Grooveshark didn't use any of that. We were very careful about avoiding dependencies where possible and keeping our backend code clean and performant. We supported about 45M MAU at our biggest, with only a handful of physical servers. I'm not aware of any blog posts we made detailing any of this, though. And if you're not familiar with the saga, Grooveshark went under for legal, not technical reasons. The backend API was powered by nginx, PHP, MySQL, memcache, with a realtime messaging server built in Go. We used Redis and Mongodb for some niche things, had serious issues with both which is understandable because they were both immature at the time, but Mongodb's data loss problems were bad enough that I would still not use them today.
That said, I'm using Docker for my current side project. Even if it never runs at scale, I just don't want to have to muck around with system administration, not to mention how nice it is to have dev and prod be identical.
> That said, I'm using Docker for my current side project.
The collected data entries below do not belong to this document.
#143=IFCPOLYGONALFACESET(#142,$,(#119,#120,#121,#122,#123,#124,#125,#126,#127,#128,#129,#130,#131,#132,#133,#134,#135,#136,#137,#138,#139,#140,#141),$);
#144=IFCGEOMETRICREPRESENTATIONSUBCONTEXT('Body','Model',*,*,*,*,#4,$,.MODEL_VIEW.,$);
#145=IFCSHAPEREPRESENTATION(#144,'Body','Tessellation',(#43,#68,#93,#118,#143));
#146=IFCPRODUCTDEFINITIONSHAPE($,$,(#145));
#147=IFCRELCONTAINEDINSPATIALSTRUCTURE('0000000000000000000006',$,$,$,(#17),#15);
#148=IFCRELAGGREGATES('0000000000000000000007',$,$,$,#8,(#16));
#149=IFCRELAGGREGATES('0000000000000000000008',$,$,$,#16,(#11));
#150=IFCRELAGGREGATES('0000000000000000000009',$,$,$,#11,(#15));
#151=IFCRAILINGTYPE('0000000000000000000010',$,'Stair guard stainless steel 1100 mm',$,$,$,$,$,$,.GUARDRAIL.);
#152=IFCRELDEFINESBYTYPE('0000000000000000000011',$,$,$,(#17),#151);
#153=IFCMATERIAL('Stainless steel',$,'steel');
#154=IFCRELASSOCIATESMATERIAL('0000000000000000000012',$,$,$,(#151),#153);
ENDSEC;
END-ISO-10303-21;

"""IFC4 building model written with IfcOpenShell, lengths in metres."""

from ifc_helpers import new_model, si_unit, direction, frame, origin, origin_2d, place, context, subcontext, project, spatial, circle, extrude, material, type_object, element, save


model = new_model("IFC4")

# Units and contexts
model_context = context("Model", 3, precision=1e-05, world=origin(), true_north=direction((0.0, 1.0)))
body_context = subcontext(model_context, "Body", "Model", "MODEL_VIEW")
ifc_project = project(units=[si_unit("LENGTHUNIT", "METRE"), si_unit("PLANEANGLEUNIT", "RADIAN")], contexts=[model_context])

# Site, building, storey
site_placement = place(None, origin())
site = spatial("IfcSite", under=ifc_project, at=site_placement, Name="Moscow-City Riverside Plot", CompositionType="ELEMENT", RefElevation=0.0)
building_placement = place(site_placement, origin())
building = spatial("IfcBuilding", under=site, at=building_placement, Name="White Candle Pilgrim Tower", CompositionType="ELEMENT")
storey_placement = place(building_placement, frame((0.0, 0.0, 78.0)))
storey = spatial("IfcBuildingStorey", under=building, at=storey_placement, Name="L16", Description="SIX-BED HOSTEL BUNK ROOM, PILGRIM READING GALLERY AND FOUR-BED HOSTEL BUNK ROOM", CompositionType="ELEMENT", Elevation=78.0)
Even if it never runs at scale, I just don't want to have to muck around with system administration, not to mention how nice it is to have dev and prod be identical.
This is why I use docker, at work and for my own stuff. No longer having to give a shit whether the hosting server is LTS or latest-release is wonderful. I barely even have to care which distro it is. Much faster and easier than doing something similar with scripted-configuration VMs, plus the hit to performance is much lower.
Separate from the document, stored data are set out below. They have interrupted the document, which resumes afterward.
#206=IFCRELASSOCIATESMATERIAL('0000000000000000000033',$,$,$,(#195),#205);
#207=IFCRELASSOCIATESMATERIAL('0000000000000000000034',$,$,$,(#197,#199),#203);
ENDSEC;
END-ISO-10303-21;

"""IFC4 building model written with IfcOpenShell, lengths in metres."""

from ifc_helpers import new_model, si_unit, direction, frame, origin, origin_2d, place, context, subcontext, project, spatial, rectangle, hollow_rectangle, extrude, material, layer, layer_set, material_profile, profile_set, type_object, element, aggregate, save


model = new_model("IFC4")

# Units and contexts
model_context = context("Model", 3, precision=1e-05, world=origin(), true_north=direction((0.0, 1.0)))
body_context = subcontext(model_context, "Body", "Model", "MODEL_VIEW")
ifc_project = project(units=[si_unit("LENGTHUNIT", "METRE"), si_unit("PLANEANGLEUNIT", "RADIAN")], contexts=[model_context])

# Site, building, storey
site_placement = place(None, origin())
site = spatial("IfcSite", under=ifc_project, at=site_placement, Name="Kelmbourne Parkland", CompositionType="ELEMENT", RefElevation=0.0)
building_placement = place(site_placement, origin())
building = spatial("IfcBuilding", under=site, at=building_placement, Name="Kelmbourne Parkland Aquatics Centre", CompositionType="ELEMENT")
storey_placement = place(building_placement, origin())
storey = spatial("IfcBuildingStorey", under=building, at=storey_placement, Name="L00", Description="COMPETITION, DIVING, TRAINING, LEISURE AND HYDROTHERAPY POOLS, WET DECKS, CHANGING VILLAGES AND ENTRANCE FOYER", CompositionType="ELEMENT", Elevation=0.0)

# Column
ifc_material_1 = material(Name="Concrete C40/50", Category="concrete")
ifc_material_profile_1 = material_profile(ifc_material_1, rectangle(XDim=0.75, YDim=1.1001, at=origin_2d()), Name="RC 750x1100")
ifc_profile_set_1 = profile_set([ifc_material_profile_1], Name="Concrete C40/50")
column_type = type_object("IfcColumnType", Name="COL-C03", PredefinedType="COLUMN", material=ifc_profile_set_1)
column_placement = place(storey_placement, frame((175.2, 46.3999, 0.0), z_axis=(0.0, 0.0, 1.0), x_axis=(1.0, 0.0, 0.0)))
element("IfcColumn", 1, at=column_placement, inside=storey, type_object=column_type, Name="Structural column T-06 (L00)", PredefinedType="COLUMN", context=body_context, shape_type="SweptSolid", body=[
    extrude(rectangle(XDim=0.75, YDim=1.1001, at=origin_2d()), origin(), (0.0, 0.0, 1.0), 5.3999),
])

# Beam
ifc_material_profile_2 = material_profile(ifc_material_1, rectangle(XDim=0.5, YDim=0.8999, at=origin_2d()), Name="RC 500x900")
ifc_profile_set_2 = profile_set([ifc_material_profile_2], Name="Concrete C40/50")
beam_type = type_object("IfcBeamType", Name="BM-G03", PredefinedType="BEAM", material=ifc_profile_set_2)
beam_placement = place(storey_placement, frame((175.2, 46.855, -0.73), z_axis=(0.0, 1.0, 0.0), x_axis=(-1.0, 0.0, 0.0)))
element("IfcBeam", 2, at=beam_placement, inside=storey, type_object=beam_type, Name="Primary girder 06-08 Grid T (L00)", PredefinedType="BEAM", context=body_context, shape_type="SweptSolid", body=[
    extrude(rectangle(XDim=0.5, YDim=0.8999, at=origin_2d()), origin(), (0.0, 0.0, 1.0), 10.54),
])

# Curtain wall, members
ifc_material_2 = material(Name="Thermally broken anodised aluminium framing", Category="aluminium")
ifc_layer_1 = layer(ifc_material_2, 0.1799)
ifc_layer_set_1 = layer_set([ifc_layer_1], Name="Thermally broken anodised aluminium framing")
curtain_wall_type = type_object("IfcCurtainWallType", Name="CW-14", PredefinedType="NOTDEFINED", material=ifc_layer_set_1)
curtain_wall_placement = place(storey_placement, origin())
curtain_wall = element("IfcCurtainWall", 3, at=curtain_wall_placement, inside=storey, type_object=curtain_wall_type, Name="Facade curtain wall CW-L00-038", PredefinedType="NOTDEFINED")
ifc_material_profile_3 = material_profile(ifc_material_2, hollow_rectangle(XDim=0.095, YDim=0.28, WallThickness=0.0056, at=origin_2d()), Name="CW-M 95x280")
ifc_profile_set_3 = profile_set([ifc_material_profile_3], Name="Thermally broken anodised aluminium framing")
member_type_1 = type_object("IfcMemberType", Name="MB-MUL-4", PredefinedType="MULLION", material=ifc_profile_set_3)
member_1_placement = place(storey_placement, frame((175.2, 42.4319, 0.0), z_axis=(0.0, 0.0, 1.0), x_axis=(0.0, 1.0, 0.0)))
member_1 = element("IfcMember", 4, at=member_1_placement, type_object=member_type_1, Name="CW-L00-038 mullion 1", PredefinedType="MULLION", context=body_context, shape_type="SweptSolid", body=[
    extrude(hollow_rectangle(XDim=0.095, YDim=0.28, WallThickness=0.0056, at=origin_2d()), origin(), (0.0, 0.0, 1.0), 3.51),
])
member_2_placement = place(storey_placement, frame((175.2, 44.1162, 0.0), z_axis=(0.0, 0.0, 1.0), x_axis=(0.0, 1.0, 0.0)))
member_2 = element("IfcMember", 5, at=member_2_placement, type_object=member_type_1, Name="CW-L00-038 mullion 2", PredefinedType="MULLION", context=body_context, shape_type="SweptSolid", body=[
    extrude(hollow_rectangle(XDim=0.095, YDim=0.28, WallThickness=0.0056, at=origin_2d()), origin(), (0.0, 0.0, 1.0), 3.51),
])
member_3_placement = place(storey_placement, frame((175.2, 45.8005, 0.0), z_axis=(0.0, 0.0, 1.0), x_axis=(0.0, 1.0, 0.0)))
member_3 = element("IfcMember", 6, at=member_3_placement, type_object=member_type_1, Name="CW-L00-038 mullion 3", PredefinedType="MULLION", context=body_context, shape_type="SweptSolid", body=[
My feelings as well! The way it put your queue front and center and gave you so much control over how things were added worked really well for me. Spotify leaves a lot to be desired in its UI.
I still remember opening the site one day and reading the weird appology letter. I think that was the first time I saw something I really cared about just dissappear off of the internet.
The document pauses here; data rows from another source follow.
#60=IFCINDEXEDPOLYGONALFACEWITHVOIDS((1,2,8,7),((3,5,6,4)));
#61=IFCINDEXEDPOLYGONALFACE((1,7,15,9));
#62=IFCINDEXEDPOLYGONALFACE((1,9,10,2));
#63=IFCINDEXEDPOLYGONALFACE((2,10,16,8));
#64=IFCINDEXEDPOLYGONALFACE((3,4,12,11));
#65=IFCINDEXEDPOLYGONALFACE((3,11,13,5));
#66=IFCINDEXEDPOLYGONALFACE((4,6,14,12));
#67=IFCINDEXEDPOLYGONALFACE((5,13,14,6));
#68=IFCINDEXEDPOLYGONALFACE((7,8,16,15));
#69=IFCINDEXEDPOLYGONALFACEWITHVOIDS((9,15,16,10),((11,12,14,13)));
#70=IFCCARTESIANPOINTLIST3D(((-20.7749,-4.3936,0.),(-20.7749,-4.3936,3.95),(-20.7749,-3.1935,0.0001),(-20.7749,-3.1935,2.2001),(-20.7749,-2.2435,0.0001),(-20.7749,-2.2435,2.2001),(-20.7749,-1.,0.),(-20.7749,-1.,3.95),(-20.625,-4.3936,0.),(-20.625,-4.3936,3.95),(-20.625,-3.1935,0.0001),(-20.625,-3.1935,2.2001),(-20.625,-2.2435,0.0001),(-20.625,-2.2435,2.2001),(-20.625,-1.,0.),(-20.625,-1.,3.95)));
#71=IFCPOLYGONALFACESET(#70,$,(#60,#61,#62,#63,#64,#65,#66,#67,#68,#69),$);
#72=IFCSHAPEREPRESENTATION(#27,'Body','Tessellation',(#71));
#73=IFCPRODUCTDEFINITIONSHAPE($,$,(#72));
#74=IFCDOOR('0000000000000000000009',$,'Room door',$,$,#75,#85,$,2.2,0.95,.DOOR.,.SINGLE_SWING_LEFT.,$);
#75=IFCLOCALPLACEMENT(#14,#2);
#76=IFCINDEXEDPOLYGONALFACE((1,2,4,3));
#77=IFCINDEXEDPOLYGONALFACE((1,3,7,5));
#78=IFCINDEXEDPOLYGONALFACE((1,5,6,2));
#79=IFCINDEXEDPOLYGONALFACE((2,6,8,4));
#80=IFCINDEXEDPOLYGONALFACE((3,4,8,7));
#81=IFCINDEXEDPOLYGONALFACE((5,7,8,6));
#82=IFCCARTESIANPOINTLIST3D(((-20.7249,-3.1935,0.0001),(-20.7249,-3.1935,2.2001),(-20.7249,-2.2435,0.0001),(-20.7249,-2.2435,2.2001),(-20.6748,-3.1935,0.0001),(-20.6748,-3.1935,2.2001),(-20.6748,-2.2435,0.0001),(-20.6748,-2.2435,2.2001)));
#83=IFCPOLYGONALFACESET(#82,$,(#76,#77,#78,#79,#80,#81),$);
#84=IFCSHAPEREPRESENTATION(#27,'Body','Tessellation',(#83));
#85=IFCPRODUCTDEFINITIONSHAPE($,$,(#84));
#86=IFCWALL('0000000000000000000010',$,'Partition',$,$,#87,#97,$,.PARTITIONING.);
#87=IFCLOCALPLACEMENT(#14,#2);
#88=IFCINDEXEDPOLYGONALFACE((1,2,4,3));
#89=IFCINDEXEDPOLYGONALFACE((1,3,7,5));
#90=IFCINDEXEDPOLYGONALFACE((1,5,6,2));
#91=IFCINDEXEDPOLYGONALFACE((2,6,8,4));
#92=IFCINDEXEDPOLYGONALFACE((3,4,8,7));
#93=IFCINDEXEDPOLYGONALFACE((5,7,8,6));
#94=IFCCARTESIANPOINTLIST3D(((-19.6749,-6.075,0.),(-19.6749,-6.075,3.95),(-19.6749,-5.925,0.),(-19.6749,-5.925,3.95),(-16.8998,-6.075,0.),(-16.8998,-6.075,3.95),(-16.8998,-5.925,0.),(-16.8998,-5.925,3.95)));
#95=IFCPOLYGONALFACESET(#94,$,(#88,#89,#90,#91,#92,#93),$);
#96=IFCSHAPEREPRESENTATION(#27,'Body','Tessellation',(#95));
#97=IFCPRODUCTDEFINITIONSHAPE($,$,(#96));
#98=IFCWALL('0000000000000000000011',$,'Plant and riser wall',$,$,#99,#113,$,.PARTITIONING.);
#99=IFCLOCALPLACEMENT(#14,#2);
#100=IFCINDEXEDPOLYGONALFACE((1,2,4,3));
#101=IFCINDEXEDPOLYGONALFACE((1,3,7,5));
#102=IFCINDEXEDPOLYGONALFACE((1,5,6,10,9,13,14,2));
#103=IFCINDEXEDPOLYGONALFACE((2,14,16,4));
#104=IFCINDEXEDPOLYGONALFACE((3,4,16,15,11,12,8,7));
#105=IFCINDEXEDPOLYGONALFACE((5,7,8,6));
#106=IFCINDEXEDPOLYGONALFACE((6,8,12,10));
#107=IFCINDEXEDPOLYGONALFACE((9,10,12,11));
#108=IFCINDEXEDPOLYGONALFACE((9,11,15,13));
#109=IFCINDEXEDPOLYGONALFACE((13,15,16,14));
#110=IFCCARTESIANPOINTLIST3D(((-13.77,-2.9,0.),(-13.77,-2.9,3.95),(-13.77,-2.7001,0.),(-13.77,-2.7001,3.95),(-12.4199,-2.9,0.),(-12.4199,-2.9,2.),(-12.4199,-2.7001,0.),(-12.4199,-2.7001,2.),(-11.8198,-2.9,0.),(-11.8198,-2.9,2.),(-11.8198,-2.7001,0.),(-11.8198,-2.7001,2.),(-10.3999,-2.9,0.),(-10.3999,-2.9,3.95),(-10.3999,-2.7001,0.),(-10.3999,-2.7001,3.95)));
Man I miss Grooveshark still today. Spotify is okay but still a step down. Needing billion-dollar licensing schemes to even get started makes this such a hard market to actually get into and provide a competitively superior experience.
What a great service. I'd be curious if you could go into details how the radio feature worked back then, because I found myself receiving worse suggestions when I used similar features in Spotify/Google Play Music.
Oh man, I should write a blog post about that, as I built that feature myself. It was meant to be a stopgap until we could get some real matchine learning in there, but nothing else we tried did as well.
First, for efficiency all recommendations were artist to artist,nl not song to song. That works well for a lot of genres but is pretty bad for others.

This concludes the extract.